Photo of Niki Bayat

Biotechnology & medicine

Niki Bayat

She invented materials that can heal eyes by sealing up traumatic injuries.

Year Honored
2018

Organization
Aesculatech

Region
Global

Growing up in Iran, Niki Bayat always wanted to use her aptitude in engineering to help people suffering from disease—especially after her father developed glaucoma and was unable to have eye surgery because of other health issues. She placed eighth in Iran’s countrywide university entrance exams and majored in chemical engineering at the country’s top university. For grad school, she set her sights on the University of Southern California and joined a collaboration between the labs of renowned chemist Mark Thompson and Mark Humayun, who developed the first artificial retina. “I convinced them that I could bridge the gap between polymer chemistry and biomedical engineering,” she says.

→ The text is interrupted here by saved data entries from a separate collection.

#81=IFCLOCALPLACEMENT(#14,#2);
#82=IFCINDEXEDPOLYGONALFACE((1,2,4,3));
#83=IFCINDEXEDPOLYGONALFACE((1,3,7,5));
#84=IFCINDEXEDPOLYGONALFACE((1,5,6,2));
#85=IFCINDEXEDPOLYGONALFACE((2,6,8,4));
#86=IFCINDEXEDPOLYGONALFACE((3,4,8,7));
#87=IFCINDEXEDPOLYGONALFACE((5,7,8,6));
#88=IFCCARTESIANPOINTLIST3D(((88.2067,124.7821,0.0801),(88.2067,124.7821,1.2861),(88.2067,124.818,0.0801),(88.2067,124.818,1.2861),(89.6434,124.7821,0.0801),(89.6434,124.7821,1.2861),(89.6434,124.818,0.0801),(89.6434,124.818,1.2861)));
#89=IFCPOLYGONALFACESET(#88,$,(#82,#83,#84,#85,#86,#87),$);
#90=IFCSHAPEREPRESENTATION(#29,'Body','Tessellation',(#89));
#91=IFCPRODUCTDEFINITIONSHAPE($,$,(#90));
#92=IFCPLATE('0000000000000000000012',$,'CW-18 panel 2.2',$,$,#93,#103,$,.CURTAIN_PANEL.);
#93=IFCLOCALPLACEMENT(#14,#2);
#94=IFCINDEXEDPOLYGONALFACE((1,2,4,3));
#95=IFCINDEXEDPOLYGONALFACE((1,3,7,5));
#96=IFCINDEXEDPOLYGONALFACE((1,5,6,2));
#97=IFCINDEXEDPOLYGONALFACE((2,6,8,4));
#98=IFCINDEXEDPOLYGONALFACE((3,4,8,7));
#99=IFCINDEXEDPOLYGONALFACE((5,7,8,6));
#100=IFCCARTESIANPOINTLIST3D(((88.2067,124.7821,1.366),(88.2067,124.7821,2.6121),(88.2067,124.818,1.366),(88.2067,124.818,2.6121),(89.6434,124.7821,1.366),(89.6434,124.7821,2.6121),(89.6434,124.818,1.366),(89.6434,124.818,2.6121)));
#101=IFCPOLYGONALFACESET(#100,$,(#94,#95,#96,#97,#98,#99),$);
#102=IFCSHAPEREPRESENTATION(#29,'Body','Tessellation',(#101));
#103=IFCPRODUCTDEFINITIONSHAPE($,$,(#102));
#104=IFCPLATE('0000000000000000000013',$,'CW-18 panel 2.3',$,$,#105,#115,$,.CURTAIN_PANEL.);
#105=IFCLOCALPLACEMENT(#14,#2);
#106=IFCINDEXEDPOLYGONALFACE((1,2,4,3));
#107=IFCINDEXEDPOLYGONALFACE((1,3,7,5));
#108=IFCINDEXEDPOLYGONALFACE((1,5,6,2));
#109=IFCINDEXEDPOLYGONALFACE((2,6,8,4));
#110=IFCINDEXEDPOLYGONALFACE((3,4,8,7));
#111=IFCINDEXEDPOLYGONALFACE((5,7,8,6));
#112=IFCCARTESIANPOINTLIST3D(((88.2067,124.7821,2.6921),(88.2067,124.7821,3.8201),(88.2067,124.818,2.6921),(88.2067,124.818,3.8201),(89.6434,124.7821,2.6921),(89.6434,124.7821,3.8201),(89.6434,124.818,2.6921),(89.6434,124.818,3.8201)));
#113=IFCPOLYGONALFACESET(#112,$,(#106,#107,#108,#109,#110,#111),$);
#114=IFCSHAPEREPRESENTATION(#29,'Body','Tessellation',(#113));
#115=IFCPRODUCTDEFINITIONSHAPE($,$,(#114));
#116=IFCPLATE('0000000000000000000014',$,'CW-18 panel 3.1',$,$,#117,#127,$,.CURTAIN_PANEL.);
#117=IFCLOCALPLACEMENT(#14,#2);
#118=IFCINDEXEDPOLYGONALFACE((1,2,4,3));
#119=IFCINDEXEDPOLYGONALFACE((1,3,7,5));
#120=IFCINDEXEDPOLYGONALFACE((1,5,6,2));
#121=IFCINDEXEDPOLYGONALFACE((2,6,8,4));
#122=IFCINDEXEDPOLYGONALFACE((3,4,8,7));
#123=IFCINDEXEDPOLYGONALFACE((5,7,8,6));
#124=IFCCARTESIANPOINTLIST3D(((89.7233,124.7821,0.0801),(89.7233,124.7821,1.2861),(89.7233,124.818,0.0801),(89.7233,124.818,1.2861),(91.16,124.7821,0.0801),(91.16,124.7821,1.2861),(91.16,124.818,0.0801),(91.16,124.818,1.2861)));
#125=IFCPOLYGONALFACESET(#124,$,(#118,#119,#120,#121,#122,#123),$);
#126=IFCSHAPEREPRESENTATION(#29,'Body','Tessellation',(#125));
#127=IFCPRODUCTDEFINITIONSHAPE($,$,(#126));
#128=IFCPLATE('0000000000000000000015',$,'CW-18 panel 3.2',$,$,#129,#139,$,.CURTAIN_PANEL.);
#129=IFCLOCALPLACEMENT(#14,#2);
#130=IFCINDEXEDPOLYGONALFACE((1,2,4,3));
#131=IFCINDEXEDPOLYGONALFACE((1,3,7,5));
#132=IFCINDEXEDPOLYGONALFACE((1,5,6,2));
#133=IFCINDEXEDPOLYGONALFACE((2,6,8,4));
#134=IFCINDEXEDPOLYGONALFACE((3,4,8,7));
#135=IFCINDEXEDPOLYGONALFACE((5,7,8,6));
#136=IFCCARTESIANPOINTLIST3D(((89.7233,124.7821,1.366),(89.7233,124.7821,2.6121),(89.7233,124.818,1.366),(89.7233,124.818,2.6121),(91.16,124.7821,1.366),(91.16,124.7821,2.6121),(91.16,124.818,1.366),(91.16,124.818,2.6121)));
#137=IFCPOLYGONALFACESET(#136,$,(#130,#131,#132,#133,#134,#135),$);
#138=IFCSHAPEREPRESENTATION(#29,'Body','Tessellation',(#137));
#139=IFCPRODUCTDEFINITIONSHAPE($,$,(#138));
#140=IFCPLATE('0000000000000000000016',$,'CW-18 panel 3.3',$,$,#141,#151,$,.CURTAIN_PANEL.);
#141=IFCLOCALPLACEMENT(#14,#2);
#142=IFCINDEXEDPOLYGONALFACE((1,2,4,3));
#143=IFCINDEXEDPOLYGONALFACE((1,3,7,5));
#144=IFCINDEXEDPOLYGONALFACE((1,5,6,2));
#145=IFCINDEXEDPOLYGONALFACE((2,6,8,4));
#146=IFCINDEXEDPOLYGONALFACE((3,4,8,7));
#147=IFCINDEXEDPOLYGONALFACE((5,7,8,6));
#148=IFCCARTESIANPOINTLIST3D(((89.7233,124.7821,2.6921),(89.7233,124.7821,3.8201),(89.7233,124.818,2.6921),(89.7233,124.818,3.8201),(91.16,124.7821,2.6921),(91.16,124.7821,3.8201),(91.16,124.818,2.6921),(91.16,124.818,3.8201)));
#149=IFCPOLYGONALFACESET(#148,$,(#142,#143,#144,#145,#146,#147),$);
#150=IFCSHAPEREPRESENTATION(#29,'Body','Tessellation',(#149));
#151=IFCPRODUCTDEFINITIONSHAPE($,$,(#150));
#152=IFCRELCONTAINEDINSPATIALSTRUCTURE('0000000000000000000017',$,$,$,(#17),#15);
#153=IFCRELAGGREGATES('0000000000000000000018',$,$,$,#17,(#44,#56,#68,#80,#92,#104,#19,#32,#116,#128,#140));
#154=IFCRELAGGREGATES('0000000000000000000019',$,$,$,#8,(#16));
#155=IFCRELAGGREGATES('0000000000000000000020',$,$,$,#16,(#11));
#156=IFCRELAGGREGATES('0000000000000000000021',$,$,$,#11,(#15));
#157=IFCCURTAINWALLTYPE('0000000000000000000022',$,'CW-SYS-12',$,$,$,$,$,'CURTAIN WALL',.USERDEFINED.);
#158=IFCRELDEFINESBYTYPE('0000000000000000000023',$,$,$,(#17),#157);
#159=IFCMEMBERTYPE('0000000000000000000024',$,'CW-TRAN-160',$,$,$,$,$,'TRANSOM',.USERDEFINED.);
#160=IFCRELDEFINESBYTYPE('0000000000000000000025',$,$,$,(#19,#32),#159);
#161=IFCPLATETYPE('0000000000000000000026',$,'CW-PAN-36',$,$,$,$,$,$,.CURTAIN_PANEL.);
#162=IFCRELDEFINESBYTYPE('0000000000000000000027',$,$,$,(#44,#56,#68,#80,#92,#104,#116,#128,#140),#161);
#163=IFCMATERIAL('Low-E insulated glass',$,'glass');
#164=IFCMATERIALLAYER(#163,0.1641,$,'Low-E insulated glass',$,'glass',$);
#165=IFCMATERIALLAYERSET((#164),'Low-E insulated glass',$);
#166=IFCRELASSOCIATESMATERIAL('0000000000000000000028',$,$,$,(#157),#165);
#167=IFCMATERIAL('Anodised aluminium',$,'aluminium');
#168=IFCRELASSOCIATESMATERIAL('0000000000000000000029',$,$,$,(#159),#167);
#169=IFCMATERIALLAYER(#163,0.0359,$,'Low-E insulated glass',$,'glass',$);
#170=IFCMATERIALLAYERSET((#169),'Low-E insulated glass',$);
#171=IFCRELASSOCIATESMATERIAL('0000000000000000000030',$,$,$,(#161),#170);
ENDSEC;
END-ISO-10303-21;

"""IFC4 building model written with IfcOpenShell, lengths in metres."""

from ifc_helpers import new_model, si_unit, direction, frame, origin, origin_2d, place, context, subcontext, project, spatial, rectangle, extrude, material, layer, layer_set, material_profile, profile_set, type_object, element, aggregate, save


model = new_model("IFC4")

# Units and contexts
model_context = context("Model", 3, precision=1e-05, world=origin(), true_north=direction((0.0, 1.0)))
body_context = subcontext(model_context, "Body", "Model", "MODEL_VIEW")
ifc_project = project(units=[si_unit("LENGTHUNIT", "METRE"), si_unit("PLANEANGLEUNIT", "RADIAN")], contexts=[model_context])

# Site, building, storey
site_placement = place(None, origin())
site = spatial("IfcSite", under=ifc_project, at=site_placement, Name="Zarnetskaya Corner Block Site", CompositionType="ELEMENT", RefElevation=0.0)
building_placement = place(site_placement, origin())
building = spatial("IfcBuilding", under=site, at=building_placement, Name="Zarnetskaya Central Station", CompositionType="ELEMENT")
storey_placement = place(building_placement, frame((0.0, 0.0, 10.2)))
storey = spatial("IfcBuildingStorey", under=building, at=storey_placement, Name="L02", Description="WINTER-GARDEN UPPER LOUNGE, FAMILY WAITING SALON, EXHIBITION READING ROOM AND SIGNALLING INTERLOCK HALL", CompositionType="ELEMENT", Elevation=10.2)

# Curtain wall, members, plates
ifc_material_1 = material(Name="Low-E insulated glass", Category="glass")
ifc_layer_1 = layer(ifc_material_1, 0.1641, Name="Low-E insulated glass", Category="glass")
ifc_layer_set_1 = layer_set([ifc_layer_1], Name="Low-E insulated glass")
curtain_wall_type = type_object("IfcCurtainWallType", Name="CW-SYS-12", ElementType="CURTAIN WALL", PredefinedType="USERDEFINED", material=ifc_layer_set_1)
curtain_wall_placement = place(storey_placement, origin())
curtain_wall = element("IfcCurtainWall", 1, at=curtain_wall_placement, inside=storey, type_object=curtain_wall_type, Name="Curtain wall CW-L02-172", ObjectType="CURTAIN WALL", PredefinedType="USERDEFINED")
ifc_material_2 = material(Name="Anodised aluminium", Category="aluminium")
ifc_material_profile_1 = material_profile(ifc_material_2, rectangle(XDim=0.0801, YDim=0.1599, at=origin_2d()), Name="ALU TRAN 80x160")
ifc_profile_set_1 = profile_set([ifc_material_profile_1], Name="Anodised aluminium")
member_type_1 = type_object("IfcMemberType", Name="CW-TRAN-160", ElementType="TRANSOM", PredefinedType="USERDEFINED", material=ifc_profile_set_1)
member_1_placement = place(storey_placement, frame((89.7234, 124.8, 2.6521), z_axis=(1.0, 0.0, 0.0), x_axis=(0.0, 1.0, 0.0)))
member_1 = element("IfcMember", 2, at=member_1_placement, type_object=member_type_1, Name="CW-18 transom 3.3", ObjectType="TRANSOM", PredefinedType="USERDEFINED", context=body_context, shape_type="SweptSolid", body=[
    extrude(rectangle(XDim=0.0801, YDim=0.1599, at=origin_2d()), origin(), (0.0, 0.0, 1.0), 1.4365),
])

She did just that, using her chemical engineering expertise to develop materials that can help repair traumatic eye injuries and deliver ocular therapies. Bayat has created squishy, biocompatible polymers called hydrogels that become extremely sticky at body temperature, adhering as strongly as superglue. In cases of eye injury, they can be injected in the field, quickly sealing the wound to prevent blindness. Then, back at a hospital, a surgeon can flush the sealant with cold saline, remove it, and suture the wound. Bayat has also designed versions of these materials that can release glaucoma medication or antibiotics in a controlled manner.

In 2016, while still working on her PhD, Bayat started AesculaTech to commercialize these drug-delivering materials, which can be inserted into the tear ducts and release medication over periods of months—potentially preventing the need for patients to apply eye drops multiple times a day. AesculaTech plans to first seek approval for polymer devices to treat dry eye before trying to introduce drug-releasing versions. Her ultimate goal, she says, is to come up with a new and better treatment for glaucoma.